Marion Kanemoto grew up in Seattle, Washington. The outbreak of WWII and the signing of Executive Order 9066 brought Marion and her family's comfortable life to an end. Marion witnessed her father's removal from their home by the FBI. Eventually, the fatherless Tsutakawa family was transported and confined in the Minidoka internment camp in Idaho. While confined, the family came to a fateful decision that, with one son already in Japan and their money and family business gone, they should repatriate to Japan.
Once in Japan, there was no denying that life in war torn Japan was not going to be easy. Through determination and Marion's continuing sense that she was an American heart and soul, she was able to return to the United States. Marion graduated from nursing school and spent her career working as a dedicated school nurse. She married Jim Kanemoto. Together Jim and Marion had four children, all of whom have university degrees.
Marion Kanemoto Interview
00:00 Introduction
00:18 - Clip 1: Marion describes the thoroughness of the FBI "sweep" of their Seattle home. At age 14, she watched the men searching everywhere, including cutting into the sofa to check for hidden items and confiscating pictures and then ripping them up, of lumber yard, and the shipyard. She also watched as they took her father away, giving no reasons.
03:56 - Clip 2: Her father was sent to the federal prison in Missoula. From there, he was sent to New Mexico. Some of the letters her family received from her father were blacked out or cut apart, with only a few words were left.
06:15 - Clip 3: She explains, that in a way, she became the head of the household. She had to sell her piano - for $15 - and push it up the street. Piece by piece, they sold their belongings - for a minimal price. Those were very chaotic times.
07:49 - Clip 4: Her family was trapped in many ways! She explains the fine print of the "Alien Property Custodian," a government office charged with confiscating and even selling the property of suspected enemies. The government took everything that was owned by her father's business - and even took the insurance policies he had purchased for her brother's and her education.
09:01 - Clip 5: Describes the train trip to Minidoka. The MP's told them to pull down the shades on the train. Coming from Seattle, green and beautiful, to and Idaho, dry, flat, and barren, it was quite a contrast.This was a very unwelcome place. Yet were "all in the same boat".
10:39 - Clip 6: Recalls the family meeting in which they discussed the lack of captured soldiers to exchange for U.S. prisoners of war. The government was putting a lot of pressure on Japanese people to trade to volunteer for the trade. Her father suggested they go back to Japan. He was worried about the older brother who was in school in Japan, and who was old enough to join the Japanese army. Her father didn't want him to become a Kamikaze pilot. So it was decided they all had to accompany their parents back to Japan.
13:45 - Clip 7: They were sent to New Jersey and departed from their on a cruise ship. The accommodations were quite nice.

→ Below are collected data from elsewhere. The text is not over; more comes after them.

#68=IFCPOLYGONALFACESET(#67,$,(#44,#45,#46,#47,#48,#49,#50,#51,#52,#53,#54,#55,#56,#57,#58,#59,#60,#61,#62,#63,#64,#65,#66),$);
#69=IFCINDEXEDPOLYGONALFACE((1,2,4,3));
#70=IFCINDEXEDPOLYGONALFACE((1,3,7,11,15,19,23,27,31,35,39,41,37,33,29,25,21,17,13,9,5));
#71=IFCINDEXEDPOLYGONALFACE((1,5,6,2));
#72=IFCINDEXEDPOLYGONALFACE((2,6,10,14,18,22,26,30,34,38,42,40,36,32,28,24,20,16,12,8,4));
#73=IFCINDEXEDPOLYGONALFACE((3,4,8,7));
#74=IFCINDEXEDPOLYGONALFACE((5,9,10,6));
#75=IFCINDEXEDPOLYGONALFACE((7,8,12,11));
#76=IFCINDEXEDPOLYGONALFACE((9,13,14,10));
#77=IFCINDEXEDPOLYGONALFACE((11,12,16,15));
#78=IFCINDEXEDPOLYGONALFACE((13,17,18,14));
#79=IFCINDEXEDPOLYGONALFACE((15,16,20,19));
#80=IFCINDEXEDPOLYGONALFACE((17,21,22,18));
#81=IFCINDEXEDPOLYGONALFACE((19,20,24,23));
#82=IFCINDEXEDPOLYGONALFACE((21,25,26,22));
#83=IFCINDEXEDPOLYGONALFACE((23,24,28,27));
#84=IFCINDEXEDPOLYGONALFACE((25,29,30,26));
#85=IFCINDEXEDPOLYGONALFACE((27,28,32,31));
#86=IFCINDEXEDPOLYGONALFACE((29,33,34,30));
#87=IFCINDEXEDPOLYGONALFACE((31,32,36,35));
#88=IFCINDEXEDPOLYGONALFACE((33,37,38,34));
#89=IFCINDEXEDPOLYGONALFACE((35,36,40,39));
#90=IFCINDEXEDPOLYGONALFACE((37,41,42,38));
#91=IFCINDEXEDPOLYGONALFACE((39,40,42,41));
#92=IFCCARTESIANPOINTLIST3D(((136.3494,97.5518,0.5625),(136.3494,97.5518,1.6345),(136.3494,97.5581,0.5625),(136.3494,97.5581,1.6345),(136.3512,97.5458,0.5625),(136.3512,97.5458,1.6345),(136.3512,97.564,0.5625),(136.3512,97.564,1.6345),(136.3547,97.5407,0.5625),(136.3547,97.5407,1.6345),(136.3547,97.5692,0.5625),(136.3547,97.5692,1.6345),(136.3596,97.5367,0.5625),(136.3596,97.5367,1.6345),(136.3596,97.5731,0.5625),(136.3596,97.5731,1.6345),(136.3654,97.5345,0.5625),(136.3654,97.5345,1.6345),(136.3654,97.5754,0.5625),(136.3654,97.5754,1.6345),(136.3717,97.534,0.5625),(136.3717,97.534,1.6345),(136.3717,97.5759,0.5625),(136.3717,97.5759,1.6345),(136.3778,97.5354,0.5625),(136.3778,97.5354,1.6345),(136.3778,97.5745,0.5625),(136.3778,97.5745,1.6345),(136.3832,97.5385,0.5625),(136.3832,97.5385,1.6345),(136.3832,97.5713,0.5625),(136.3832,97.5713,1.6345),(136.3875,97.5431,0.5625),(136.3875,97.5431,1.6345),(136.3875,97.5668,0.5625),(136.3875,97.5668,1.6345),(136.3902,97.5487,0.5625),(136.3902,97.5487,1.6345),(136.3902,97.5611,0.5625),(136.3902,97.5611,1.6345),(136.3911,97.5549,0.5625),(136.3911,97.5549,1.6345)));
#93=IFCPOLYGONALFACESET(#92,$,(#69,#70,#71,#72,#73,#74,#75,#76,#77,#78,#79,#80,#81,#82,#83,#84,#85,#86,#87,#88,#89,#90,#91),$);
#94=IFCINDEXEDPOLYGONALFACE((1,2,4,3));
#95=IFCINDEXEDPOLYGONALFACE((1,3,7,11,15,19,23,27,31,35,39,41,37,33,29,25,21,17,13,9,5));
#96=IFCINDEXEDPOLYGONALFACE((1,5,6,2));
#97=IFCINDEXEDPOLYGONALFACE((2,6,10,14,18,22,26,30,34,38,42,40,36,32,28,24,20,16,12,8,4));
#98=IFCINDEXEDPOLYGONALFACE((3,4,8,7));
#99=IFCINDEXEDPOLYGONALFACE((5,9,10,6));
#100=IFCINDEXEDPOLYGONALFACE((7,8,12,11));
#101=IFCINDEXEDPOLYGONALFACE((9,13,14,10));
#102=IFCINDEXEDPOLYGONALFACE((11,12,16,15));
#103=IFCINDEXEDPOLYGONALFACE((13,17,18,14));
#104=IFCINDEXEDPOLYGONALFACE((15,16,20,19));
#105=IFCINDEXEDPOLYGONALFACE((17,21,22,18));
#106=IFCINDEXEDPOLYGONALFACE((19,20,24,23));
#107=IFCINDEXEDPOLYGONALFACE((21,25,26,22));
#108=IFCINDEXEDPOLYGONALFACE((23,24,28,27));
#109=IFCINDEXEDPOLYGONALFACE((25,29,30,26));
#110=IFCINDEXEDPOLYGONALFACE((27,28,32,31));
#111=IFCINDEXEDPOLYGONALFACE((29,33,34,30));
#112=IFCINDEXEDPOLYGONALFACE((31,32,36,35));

15:13 - Clip 8: Describes the exchange process when the cruise shipped arrived in India. She immediately noted the differences between the American ship and the Japanese ship ("very crude, rustic"). From the accommodations to the worm-infested food, they knew this was an indication that conditions were bad in Japan.

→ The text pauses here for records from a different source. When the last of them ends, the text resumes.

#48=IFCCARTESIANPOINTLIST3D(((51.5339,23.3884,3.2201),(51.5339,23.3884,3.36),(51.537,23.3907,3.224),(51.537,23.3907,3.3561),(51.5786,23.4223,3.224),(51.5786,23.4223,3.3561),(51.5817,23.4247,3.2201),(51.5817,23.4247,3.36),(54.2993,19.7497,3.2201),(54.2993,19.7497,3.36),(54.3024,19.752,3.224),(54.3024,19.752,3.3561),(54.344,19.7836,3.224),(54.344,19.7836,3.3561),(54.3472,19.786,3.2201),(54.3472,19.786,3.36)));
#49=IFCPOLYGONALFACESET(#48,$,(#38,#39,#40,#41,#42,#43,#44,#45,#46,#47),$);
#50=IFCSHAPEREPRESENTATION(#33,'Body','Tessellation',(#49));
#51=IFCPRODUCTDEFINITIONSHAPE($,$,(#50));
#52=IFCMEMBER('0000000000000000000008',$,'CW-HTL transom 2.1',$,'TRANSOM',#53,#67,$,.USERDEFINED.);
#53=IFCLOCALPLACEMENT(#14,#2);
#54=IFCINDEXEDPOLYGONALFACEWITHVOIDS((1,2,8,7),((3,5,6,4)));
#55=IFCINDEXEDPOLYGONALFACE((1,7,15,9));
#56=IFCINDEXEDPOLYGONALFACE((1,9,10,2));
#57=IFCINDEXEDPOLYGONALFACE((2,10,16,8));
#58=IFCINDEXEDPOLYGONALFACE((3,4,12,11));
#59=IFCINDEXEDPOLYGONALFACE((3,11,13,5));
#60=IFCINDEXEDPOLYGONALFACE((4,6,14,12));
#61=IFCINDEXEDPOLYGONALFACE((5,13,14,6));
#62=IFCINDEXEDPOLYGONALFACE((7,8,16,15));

19:11 - Clip 9: In Japan, Marion was sent to an all girls school. Some students befriended her; some did not. "Inside my heart, I felt American." Material resources were gone, people selling wedding rings for the metal. She got very sick with pleurisy and her mother bought an egg on the black market, and begged for Marion to tell her how she wanted the egg cooked. "A mother's love."
21:00 - Clip 10: Describes how she worked for the US government and how she received her passport back to the United States.

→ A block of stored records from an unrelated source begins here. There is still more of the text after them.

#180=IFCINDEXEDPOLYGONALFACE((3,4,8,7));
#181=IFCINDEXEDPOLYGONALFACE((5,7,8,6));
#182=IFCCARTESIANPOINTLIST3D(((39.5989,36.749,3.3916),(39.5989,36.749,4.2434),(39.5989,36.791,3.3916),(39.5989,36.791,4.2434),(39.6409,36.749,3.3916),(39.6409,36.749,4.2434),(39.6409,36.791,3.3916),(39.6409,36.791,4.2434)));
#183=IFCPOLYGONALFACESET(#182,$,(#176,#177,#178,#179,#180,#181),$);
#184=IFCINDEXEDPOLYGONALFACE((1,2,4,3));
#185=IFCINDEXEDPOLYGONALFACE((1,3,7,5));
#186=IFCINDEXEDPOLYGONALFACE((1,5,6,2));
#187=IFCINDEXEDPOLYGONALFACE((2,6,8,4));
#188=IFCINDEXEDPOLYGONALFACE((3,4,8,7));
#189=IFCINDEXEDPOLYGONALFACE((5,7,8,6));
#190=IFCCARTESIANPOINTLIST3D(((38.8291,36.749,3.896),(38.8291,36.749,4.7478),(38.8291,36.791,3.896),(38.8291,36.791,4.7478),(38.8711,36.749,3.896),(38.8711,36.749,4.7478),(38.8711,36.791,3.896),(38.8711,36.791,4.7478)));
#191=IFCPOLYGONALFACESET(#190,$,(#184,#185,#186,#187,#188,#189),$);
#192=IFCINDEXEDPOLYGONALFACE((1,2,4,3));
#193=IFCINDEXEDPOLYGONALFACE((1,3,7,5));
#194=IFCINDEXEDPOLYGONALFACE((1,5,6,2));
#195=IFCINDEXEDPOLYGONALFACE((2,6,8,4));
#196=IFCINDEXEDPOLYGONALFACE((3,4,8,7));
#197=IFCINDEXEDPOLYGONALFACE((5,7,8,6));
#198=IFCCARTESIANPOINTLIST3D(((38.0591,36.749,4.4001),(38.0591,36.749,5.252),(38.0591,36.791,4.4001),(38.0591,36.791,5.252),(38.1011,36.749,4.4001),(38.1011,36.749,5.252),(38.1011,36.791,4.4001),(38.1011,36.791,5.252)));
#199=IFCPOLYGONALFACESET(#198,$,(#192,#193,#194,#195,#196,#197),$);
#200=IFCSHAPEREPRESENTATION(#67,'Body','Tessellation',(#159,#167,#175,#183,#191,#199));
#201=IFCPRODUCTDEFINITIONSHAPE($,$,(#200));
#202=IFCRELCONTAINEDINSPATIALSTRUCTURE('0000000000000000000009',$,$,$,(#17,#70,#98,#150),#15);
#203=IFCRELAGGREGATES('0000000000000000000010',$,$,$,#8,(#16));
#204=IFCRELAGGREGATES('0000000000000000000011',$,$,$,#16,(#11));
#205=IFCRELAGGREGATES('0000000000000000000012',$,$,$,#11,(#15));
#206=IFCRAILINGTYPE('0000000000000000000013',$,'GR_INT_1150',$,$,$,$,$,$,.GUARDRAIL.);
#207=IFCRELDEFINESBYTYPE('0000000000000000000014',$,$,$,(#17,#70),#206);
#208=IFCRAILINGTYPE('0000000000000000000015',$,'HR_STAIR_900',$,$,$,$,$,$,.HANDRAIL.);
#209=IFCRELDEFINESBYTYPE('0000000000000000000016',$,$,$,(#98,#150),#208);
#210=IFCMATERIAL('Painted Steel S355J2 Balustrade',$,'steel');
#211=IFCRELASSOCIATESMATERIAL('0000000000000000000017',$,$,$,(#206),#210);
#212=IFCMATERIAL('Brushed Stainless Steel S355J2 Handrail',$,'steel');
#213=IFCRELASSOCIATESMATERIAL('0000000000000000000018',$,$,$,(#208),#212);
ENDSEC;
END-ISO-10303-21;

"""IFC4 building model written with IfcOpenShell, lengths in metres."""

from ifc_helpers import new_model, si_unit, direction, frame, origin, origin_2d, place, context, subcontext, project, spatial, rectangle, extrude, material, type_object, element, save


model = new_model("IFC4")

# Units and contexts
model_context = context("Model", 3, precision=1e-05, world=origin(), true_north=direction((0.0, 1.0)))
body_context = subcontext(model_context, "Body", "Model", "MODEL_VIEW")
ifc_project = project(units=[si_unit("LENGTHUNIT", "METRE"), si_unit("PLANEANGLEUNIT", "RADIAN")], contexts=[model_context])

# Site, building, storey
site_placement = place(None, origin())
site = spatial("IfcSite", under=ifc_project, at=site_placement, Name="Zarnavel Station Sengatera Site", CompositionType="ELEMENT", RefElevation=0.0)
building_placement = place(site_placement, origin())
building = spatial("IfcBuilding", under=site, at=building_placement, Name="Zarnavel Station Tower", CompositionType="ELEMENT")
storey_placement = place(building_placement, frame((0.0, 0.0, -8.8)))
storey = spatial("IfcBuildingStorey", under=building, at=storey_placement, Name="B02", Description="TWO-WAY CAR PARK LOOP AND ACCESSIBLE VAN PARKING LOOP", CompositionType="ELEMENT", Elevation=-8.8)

24:20 - Clip 11: Talks about the Asian Law Caucus, which assisted her with the application to apply for redress, and how she and her son wrote the letters and won their case.
First-Hand Accounts of the Internment Experience
It is our hope that these stories will build on the work and legacy of the late Mary Tsukamoto, who devoted her life to promoting social justice for all, regardless of race, creed, or ethnicity.